Assume the two numbers as follows,

Let $a = 1$ and $b =  - 1$.

${a^2} = {1^2} = 1$ and ${b^2} = {\left( { - 1} \right)^2} = 1$

Hence, it is proved that ${a^2} = {b^2}$.

However, $a \ne b$.

Therefore, the given statement is proved false.


3. Show that the following statement is true by the method of contrapositive. 

${\text{p}}$: If $x$ is an integer and ${x^2}$ is even, then $x$ is also even.

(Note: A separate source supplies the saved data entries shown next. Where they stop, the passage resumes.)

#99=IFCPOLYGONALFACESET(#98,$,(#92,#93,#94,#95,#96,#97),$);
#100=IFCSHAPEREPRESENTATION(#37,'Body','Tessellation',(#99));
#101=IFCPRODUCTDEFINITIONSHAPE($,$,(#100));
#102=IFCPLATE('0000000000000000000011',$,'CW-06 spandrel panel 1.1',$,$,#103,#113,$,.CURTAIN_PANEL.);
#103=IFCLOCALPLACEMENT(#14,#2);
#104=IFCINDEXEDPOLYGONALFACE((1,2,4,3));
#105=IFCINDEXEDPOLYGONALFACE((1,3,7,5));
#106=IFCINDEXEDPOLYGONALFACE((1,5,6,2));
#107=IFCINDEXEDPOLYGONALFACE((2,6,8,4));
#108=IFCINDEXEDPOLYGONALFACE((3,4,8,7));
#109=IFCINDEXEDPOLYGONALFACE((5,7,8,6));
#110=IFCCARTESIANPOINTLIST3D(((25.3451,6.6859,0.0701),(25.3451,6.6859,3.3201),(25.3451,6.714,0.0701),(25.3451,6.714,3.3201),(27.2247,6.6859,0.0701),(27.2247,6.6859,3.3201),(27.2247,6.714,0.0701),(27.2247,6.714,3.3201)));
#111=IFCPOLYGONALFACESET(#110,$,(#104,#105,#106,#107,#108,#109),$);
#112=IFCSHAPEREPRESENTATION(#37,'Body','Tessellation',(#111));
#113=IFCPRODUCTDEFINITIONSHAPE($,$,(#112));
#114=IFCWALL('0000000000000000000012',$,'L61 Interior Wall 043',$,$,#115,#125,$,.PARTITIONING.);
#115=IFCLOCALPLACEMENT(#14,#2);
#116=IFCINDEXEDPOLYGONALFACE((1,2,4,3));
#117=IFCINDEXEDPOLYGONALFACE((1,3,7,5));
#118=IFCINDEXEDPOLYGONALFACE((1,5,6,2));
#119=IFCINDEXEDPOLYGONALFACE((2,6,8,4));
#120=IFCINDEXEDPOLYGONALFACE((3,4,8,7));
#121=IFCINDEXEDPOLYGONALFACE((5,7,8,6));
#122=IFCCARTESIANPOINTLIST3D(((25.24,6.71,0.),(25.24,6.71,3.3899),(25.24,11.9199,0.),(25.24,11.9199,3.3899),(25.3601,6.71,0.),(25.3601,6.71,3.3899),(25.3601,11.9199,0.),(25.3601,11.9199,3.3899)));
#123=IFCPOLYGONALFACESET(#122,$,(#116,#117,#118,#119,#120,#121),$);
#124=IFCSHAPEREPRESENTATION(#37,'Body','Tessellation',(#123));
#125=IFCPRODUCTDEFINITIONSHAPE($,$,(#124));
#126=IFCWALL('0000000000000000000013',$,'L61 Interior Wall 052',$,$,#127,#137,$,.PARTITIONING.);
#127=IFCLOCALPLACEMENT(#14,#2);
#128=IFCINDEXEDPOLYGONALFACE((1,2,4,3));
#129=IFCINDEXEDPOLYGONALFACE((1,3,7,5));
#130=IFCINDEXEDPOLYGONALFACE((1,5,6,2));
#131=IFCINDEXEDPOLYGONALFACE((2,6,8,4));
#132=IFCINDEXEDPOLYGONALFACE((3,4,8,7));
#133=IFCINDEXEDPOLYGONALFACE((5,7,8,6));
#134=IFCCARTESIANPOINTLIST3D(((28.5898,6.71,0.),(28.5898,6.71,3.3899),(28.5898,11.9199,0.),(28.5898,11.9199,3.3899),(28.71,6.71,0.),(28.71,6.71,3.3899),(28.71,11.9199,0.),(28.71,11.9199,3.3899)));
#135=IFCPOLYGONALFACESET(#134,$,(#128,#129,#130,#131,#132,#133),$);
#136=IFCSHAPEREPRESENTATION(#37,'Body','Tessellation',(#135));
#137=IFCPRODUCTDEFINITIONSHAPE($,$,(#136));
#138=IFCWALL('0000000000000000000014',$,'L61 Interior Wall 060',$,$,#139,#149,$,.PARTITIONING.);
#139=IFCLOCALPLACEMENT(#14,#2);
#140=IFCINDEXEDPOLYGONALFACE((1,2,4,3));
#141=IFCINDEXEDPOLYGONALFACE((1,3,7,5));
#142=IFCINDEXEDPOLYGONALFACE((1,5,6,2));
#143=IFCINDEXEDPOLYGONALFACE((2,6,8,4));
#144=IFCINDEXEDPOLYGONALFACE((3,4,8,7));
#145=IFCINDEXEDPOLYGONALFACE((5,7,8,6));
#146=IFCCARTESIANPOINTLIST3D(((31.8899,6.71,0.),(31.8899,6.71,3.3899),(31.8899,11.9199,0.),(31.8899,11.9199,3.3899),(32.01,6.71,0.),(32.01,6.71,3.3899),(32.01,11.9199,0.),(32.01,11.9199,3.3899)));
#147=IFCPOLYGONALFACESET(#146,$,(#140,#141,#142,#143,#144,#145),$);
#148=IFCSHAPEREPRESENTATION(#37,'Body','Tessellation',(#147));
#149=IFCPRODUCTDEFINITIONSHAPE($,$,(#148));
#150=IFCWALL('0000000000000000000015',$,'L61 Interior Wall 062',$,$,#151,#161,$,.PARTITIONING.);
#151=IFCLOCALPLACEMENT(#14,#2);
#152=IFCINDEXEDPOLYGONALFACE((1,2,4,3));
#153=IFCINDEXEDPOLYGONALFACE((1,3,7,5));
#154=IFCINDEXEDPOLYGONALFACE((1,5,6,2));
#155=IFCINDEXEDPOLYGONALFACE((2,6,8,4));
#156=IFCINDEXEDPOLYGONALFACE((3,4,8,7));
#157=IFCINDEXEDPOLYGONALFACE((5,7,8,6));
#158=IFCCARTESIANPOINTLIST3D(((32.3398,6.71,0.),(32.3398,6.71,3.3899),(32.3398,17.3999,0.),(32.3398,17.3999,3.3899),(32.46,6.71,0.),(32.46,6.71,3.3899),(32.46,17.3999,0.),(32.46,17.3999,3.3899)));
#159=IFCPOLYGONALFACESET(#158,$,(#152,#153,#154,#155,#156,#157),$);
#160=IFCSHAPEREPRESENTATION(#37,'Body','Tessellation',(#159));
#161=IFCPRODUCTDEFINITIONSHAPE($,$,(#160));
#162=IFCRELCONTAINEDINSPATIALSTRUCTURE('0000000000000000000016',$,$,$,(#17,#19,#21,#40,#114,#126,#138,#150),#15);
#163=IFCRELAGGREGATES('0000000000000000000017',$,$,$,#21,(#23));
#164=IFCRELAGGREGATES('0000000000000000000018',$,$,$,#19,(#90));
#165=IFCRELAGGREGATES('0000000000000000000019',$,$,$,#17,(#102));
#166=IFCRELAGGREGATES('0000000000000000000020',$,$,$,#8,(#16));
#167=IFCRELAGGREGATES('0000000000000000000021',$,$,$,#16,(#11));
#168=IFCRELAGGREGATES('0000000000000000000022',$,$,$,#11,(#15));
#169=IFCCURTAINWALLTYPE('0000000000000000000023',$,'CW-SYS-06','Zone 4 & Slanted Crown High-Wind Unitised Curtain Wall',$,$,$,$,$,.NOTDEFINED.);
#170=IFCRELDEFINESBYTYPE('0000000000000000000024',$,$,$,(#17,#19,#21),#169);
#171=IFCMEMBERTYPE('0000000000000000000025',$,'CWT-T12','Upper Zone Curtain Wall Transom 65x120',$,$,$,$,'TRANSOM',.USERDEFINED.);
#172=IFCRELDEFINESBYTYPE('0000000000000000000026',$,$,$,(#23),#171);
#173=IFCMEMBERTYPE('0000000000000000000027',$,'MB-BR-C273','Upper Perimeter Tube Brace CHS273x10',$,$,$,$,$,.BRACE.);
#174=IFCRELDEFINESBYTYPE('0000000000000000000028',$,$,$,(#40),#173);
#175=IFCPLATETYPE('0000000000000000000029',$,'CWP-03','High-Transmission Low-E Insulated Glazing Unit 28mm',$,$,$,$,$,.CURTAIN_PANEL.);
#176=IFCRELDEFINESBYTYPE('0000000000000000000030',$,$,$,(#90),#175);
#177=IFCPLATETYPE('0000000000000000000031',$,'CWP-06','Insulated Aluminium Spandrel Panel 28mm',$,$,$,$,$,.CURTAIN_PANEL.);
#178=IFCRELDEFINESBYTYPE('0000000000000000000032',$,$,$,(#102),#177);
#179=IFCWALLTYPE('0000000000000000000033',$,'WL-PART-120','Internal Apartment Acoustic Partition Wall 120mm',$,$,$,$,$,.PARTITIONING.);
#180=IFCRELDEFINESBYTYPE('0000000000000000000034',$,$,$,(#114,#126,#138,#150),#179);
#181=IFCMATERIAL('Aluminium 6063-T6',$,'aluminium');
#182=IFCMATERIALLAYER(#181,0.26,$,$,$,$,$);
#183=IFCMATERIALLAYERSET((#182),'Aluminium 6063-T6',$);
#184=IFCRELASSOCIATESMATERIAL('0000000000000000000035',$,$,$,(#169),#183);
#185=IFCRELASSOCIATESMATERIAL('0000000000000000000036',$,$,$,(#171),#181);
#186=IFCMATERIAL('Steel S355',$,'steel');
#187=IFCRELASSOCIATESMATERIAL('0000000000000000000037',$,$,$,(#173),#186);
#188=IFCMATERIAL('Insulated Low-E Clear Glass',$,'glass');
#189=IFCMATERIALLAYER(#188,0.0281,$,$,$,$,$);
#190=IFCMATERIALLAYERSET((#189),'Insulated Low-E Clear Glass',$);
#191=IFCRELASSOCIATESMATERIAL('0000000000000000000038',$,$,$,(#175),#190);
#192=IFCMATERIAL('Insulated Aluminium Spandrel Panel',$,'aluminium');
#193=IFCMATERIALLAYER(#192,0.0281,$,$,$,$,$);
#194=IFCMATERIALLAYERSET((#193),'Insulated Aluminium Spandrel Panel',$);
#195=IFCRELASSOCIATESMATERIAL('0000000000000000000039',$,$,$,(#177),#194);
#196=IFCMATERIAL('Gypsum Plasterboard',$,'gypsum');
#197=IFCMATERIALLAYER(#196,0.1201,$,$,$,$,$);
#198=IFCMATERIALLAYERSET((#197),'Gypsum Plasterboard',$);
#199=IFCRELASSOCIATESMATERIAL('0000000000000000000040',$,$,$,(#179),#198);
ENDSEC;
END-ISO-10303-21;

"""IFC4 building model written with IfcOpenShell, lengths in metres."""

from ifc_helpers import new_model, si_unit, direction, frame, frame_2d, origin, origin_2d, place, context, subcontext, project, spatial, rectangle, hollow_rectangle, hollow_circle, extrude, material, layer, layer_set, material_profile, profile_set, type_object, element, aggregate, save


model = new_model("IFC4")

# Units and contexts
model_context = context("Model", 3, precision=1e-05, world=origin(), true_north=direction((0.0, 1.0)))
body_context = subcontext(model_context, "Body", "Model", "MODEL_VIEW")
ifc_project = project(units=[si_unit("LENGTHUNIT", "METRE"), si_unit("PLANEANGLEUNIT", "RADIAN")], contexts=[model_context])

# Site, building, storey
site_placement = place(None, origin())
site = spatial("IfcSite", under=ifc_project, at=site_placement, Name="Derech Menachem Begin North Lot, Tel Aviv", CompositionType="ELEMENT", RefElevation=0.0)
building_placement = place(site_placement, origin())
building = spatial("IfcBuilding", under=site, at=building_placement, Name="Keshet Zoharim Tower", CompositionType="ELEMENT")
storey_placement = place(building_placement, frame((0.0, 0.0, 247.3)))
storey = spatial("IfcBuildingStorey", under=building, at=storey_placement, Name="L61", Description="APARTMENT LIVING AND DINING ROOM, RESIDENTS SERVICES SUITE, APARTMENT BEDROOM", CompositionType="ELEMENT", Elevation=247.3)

Ans: Write the different component statements of the given statement ${\text{p}}$.

${\text{p}}$: If $x$ is an integer and ${x^2}$ is even, then $x$ is also even.

We will now determine the component statements.

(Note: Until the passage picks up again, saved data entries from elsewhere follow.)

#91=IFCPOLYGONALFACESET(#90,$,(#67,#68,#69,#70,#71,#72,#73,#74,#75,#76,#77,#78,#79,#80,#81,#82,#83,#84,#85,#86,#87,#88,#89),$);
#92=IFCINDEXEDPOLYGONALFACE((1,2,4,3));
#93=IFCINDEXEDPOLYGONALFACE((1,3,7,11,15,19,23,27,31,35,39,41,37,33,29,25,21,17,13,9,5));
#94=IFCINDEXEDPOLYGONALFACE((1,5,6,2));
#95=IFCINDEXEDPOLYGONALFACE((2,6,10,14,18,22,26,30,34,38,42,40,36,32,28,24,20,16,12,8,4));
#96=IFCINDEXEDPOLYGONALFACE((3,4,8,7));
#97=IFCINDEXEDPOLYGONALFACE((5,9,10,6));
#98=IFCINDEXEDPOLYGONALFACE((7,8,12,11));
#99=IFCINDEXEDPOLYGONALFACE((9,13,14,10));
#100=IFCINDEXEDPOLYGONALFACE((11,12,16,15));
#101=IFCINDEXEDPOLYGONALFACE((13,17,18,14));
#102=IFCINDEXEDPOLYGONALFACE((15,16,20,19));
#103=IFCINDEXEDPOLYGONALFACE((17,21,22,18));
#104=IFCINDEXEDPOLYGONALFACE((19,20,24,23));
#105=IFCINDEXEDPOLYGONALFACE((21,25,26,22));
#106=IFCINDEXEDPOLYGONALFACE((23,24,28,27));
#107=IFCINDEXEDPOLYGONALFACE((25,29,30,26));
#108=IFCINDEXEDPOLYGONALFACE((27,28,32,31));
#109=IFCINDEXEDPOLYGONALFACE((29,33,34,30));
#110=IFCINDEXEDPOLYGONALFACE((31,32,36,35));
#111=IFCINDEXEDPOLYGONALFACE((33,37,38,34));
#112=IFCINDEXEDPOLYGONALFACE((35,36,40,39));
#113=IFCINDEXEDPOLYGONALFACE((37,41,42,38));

Let the first component statement be ${\text{q}}$.

${\text{q}}$: $x$ is an integer and ${x^2}$is even.

Let the second component statement be ${\text{r}}$.

${\text{r}}$: $x$ is even.

The method of contrapositive is as follows,

To prove statement ${\text{p}}$ to be true by contrapositive method, we assume that the statement ${\text{r}}$ is false and prove that the statement ${\text{q}}$ must also be false. 

Consider that $x$ is not even.

To prove that ${\text{q}}$ is false, we need to prove that $x$ is not an integer so ${x^2}$ is not even. 

Since $x$ is not an even number implies that ${x^2}$ will also not be even. 

Therefore, the statement ${\text{q}}$ is false. 

Thus, the given statement ${\text{p}}$ is true by the method of contrapositive. 


4. By giving a counter example, show that the following statements are not true. 

  1. ${\text{p}}$: If all the angles of a triangle are equal, then the triangle is an obtuse angled triangle. 

  2. ${\text{q}}$: The equation ${x^2} - 1 = 0$ does not have a root lying between 0 and 2.

Ans: 

(i). Analyse the statement ${\text{p}}$.

The given statement is of the form ‘If $A$ then $B$’. Thus, it is a conditional statement. 

Write the different component statements of the given statement ${\text{p}}$.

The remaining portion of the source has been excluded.